Nicht nur eine Mode unserer Zeit ist es, wenn für Aufführungen von Musik des 17. Jahrhunderts harmonische Füllstimmen hinzugenommen werden – wiedergegeben durch historisch adäquate Instrumente wie Theorbe, Erzlaute, Chitarrone oder Viola da gamba, außerdem durch Holzbläser. Beliebt waren vor und um 1700 insbesondere solchermaßen ergänzte Konzerte mit Liedern, akkompagniert vom Basso continuo. In der Nähe der Adelshöfe in Venedig aufgewachsen genoss unter anderem die spätere Lied- und Opernkomponistin, die Arzttochter Antonia Padoani, um 1660 herum das Privileg, von dem namhaften Organisten und Opernkomponisten Francesco Cavalli dort unterrichtet zu werden.

Die Republik Venetien verlor als einflussreiche Großmacht zwischen Spanien und dem Osmanischen Reich wegen der zunehmenden Bedeutung des Handels auf dem Atlantik einige ihrer Privilegien und Stützpunkte wie 1669 auch Kreta. Das Aufblühen der Oper neben der Kirchenmusik war durch die veränderten äußeren Bedingungen nicht aufzuhalten; die namhaftesten Komponisten der Barockzeit konkurrierten miteinander um die besten Stellen und das höchste Ansehen; auch die Rivalität zwischen Francesco Cavalli und Antonio Cesti sorgte nicht zuletzt für ein produktives urbanes Musikleben in allen Genres.

Siebzehn Jahre nach ihrer Hochzeit mit dem Aristokraten Lorenzo Bembo trennte sich Antonia Padoani von ihrem Mann und suchte ihr Auskommen in Paris. Die begabte Sängerin trat vor dem Sonnenkönig auf, der ihr, überzeugt von ihren musikalischen Fertigkeiten, eine Rente gewährte und die Aufnahme in eine religiöse Gemeinschaft ermöglichte. Nach einigen Jahren erfolgreicher Auftritte als Sopranistin verlegte sie sich ausschließlich auf das Komponieren und erhielt als solche ebenso viel Aufmerksamkeit wie die um eine Generation jüngere spätere Schöpferin der Kantate Le Sommeil d’Ulysses, Élisabeth Jacquet de la Guerre.
Nach heutigen Erkenntnissen bediente sie ausschließlich Vokalmusik mit Instrumentalbegleitung, diese allerdings in ganzer Breite: Mit Opern wie L’Ercole Amante (1707) trat sie zwar in die Fußstapfen ihres Lehrers Francesco Cavalli, doch wird ihre eigene stilistische Handschrift deutlich sichtbar. Gerade weil ihr Lehrer mit seiner gleichnamigen Oper weithin bekannt geworden war, ist es einige Jahre später vielleicht nicht mehr möglich gewesen, an diesen Erfolg anzuknüpfen.

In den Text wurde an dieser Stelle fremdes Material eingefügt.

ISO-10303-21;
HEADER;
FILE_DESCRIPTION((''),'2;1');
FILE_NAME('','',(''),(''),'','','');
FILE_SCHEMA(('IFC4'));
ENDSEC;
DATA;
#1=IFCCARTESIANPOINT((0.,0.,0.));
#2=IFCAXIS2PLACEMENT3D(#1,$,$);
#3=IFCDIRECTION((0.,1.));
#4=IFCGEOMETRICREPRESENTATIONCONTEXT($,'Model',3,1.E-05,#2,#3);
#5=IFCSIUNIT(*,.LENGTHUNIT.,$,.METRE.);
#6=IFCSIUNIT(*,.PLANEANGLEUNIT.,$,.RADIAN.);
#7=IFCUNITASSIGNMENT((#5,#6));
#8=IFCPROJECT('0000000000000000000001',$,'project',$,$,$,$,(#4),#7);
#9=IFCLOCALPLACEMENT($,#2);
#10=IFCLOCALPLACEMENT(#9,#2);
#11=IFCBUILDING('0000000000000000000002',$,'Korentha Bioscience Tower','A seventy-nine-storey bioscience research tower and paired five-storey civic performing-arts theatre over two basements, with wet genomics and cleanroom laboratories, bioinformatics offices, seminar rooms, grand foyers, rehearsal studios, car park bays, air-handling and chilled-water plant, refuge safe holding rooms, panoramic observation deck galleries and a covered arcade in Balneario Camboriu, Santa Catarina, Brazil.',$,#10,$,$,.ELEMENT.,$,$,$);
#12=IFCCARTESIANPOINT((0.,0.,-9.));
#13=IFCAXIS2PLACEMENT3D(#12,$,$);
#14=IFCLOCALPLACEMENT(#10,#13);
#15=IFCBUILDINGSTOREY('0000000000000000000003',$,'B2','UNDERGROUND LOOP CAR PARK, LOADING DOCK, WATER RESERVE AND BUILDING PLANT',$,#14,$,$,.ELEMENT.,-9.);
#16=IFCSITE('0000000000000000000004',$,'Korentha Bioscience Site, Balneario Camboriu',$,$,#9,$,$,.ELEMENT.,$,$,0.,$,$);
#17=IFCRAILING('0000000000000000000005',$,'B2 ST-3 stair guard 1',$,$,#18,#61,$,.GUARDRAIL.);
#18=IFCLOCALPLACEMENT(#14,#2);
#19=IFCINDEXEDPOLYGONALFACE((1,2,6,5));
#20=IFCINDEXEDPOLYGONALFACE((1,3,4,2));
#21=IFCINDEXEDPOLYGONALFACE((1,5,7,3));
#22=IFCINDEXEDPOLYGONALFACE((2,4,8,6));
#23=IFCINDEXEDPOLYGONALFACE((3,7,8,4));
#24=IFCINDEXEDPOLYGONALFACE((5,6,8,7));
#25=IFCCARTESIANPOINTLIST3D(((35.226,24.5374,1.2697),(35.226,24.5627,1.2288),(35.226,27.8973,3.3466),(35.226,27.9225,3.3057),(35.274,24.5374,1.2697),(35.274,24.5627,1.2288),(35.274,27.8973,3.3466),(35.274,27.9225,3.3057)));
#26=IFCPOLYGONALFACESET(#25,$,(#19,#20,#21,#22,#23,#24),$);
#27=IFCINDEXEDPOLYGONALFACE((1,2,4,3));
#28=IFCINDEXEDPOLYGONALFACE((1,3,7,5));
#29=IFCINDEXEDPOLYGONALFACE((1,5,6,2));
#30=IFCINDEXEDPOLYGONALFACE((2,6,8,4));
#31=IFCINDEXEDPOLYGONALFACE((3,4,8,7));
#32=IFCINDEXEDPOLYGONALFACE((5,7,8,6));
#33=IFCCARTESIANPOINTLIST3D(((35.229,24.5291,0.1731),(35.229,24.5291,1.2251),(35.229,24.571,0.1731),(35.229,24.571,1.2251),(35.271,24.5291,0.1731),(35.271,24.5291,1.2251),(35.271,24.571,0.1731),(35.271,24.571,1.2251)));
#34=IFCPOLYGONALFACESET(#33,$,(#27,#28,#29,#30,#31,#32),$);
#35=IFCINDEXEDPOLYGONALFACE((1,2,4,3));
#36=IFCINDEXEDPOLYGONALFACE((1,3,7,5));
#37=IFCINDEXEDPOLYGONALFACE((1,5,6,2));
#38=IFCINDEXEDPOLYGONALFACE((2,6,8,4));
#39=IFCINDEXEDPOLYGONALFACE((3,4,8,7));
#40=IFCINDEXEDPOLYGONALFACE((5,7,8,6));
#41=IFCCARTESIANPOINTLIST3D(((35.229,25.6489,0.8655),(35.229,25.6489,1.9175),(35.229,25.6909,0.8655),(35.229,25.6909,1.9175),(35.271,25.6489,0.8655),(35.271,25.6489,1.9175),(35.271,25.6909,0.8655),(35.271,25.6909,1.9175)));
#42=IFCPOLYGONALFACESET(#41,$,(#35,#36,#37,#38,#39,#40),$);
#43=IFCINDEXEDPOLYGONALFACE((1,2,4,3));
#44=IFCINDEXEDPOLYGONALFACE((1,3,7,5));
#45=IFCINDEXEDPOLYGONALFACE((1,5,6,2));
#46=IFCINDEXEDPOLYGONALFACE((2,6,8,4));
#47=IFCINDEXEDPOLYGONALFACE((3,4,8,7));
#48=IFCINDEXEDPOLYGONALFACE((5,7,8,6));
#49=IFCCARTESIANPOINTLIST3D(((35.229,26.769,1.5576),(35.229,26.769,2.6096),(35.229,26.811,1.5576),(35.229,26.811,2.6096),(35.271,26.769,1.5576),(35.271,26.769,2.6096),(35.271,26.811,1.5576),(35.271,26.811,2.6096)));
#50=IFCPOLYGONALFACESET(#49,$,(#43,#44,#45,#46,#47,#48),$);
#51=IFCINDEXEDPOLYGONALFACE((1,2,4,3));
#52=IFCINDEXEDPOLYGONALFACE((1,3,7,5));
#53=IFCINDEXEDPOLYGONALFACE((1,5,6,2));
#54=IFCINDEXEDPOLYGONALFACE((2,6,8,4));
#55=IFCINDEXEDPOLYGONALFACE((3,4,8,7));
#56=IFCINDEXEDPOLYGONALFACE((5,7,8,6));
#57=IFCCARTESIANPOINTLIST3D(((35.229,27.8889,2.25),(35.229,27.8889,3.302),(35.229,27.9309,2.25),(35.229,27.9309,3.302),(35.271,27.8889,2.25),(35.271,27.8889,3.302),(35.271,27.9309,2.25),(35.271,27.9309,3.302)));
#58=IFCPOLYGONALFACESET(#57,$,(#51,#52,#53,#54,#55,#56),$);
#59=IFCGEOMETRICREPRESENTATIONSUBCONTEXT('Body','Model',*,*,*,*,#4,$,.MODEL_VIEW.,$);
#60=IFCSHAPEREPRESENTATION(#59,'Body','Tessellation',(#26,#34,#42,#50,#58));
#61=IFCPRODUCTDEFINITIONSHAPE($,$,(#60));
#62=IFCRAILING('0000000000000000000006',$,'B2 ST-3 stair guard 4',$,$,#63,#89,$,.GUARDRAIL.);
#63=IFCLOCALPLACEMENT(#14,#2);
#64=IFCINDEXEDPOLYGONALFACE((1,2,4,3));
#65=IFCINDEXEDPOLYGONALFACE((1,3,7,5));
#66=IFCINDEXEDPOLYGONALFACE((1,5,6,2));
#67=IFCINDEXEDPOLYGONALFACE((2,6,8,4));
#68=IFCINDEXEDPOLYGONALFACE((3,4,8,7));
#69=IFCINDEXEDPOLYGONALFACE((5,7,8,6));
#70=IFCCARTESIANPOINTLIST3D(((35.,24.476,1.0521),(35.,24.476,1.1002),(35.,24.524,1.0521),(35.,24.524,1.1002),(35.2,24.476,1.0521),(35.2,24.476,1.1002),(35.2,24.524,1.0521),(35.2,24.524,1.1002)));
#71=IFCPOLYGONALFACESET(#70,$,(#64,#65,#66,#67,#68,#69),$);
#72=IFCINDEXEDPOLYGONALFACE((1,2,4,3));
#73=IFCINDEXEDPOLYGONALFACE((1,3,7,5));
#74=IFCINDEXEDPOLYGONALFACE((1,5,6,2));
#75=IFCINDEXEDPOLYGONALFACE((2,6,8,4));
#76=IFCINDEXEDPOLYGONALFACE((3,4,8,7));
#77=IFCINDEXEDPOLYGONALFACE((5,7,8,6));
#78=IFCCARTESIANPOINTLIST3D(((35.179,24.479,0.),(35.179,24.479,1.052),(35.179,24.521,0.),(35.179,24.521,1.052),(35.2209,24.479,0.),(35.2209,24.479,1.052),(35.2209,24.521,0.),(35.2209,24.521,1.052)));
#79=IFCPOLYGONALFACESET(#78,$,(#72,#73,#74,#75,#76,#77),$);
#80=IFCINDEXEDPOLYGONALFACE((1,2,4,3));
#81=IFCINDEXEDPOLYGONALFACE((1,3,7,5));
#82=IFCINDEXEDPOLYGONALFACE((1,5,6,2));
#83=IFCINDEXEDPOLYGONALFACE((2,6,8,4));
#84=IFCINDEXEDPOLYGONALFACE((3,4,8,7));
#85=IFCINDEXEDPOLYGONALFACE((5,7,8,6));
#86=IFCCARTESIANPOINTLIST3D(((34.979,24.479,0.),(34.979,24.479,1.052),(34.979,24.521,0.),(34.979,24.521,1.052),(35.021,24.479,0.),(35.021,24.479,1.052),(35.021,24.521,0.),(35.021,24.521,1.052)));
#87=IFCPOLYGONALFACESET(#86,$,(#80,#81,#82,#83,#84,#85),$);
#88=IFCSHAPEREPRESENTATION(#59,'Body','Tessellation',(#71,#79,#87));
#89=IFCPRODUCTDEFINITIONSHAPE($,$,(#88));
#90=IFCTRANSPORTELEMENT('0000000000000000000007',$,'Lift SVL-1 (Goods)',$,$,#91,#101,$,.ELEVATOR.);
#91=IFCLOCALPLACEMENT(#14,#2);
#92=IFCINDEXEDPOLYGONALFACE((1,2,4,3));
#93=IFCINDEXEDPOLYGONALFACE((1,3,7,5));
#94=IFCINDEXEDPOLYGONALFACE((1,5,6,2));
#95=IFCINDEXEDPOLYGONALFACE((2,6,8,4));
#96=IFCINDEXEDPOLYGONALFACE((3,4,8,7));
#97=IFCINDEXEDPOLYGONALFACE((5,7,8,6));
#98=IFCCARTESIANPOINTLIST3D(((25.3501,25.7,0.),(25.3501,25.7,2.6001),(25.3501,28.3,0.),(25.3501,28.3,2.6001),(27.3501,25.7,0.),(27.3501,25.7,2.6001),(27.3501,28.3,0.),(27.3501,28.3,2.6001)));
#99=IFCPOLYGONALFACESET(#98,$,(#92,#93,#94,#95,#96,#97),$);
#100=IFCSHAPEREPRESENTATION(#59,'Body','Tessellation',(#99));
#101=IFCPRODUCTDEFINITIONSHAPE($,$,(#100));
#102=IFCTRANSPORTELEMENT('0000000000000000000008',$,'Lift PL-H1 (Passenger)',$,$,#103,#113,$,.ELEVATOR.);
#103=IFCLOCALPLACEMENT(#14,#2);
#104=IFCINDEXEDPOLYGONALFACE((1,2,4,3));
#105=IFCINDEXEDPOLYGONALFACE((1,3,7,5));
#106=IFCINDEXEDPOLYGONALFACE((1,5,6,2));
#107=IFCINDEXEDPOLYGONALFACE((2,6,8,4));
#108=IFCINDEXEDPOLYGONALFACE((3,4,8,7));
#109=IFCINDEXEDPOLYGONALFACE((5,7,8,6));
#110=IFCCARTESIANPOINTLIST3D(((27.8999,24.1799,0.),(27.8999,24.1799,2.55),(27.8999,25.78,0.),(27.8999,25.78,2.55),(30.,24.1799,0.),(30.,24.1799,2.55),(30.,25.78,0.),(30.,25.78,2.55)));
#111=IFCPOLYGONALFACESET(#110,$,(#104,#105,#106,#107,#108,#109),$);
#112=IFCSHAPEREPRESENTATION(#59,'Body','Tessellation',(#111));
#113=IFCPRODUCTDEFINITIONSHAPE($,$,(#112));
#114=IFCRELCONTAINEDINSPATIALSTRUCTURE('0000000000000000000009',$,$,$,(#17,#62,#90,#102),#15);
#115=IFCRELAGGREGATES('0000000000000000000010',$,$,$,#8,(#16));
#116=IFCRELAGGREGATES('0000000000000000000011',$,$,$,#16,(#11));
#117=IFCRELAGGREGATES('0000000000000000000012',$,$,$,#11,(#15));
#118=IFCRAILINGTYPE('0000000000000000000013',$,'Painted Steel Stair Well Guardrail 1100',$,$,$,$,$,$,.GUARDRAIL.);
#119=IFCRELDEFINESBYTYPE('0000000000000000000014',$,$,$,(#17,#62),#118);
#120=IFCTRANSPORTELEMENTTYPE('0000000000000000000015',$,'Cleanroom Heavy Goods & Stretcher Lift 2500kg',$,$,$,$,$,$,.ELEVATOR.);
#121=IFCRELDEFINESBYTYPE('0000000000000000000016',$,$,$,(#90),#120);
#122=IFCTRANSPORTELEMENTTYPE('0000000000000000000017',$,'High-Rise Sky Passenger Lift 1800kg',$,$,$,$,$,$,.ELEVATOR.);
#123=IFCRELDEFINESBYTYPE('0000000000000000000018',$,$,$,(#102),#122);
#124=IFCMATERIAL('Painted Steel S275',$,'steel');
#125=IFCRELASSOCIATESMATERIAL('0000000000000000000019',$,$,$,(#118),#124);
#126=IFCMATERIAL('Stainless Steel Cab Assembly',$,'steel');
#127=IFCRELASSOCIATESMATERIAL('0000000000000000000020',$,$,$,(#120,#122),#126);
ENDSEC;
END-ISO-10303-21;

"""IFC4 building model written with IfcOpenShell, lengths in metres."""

from ifc_helpers import new_model, si_unit, direction, frame, origin, origin_2d, place, context, subcontext, project, spatial, rectangle, extrude, material, type_object, element, save


model = new_model("IFC4")

# Units and contexts
model_context = context("Model", 3, precision=1e-05, world=origin(), true_north=direction((0.0, 1.0)))
body_context = subcontext(model_context, "Body", "Model", "MODEL_VIEW")
ifc_project = project(units=[si_unit("LENGTHUNIT", "METRE"), si_unit("PLANEANGLEUNIT", "RADIAN")], contexts=[model_context])

# Site, building, storey
site_placement = place(None, origin())
site = spatial("IfcSite", under=ifc_project, at=site_placement, Name="Korentha Bioscience Site, Balneario Camboriu", CompositionType="ELEMENT", RefElevation=0.0)
building_placement = place(site_placement, origin())
building = spatial("IfcBuilding", under=site, at=building_placement, Name="Korentha Bioscience Tower", Description="A seventy-nine-storey bioscience research tower and paired five-storey civic performing-arts theatre over two basements, with wet genomics and cleanroom laboratories, bioinformatics offices, seminar rooms, grand foyers, rehearsal studios, car park bays, air-handling and chilled-water plant, refuge safe holding rooms, panoramic observation deck galleries and a covered arcade in Balneario Camboriu, Santa Catarina, Brazil.", CompositionType="ELEMENT")
storey_placement = place(building_placement, frame((0.0, 0.0, -9.0)))
storey = spatial("IfcBuildingStorey", under=building, at=storey_placement, Name="B2", Description="UNDERGROUND LOOP CAR PARK, LOADING DOCK, WATER RESERVE AND BUILDING PLANT", CompositionType="ELEMENT", Elevation=-9.0)

# Railings
ifc_material_1 = material(Name="Painted Steel S275", Category="steel")
railing_type_1 = type_object("IfcRailingType", Name="Painted Steel Stair Well Guardrail 1100", PredefinedType="GUARDRAIL", material=ifc_material_1)
railing_1_placement = place(storey_placement, frame((35.25, 24.55, 0.1731)))
element("IfcRailing", 1, at=railing_1_placement, inside=storey, type_object=railing_type_1, Name="B2 ST-3 stair guard 1", PredefinedType="GUARDRAIL", context=body_context, shape_type="SweptSolid", body=[
    extrude(rectangle(XDim=0.0481, YDim=0.0481, at=origin_2d()), frame((0.0, 0.0, 1.0762), z_axis=(0.0, 0.850606, 0.525803), x_axis=(-1.0, 0.0, 0.0)), (0.0, 0.0, 1.0), 3.95),
    extrude(rectangle(XDim=0.042, YDim=0.042, at=origin_2d()), origin(), (0.0, 0.0, 1.0), 1.052),
    extrude(rectangle(XDim=0.042, YDim=0.042, at=origin_2d()), frame((0.0, 1.1199, 0.6924)), (0.0, 0.0, 1.0), 1.052),
    extrude(rectangle(XDim=0.042, YDim=0.042, at=origin_2d()), frame((0.0, 2.24, 1.3845)), (0.0, 0.0, 1.0), 1.052),
    extrude(rectangle(XDim=0.042, YDim=0.042, at=origin_2d()), frame((0.0, 3.3599, 2.0769)), (0.0, 0.0, 1.0), 1.052),
])
railing_2_placement = place(storey_placement, frame((35.2, 24.5, 0.0)))
element("IfcRailing", 2, at=railing_2_placement, inside=storey, type_object=railing_type_1, Name="B2 ST-3 stair guard 4", PredefinedType="GUARDRAIL", context=body_context, shape_type="SweptSolid", body=[
    extrude(rectangle(XDim=0.0481, YDim=0.0481, at=origin_2d()), frame((0.0, 0.0, 1.0762), z_axis=(-1.0, 0.0, 0.0), x_axis=(0.0, -1.0, 0.0)), (0.0, 0.0, 1.0), 0.2),
    extrude(rectangle(XDim=0.042, YDim=0.042, at=origin_2d()), origin(), (0.0, 0.0, 1.0), 1.052),
    extrude(rectangle(XDim=0.042, YDim=0.042, at=origin_2d()), frame((-0.2, 0.0, 0.0)), (0.0, 0.0, 1.0), 1.052),
])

Das in Paris entstandene Werk der Venetierin umfasst beachtliche sechs großvolumige Bände unter dem zusammenfassenden Titel Produzioni harmoniche, zu denen ein namhaft gewordenes Te Deum (1704) für Chor mit Streichorchester gehört. Les sept psaumes de David für Singstimmen, Violinen und Basso continuo erlangten Popularität, während ihre große Oper ihren Weg auf die musikdramatische Bühne leider nicht fand. Aus heutiger Hörperspektive ist der italienisch-französische Mischstil Antonia Bembos bemerkenswert und die Tatsache, dass sie keiner adligen Gönnerin bedurfte, um komponieren zu können, sondern vom König selbst das Privileg zugesprochen bekam, um so weit möglich unabhängig arbeiten zu können.
Literatur u.a.
Claire Anne Fontijn: Desperate measures. The life and music of Antonia Padoani Bembo. Oxford 2006.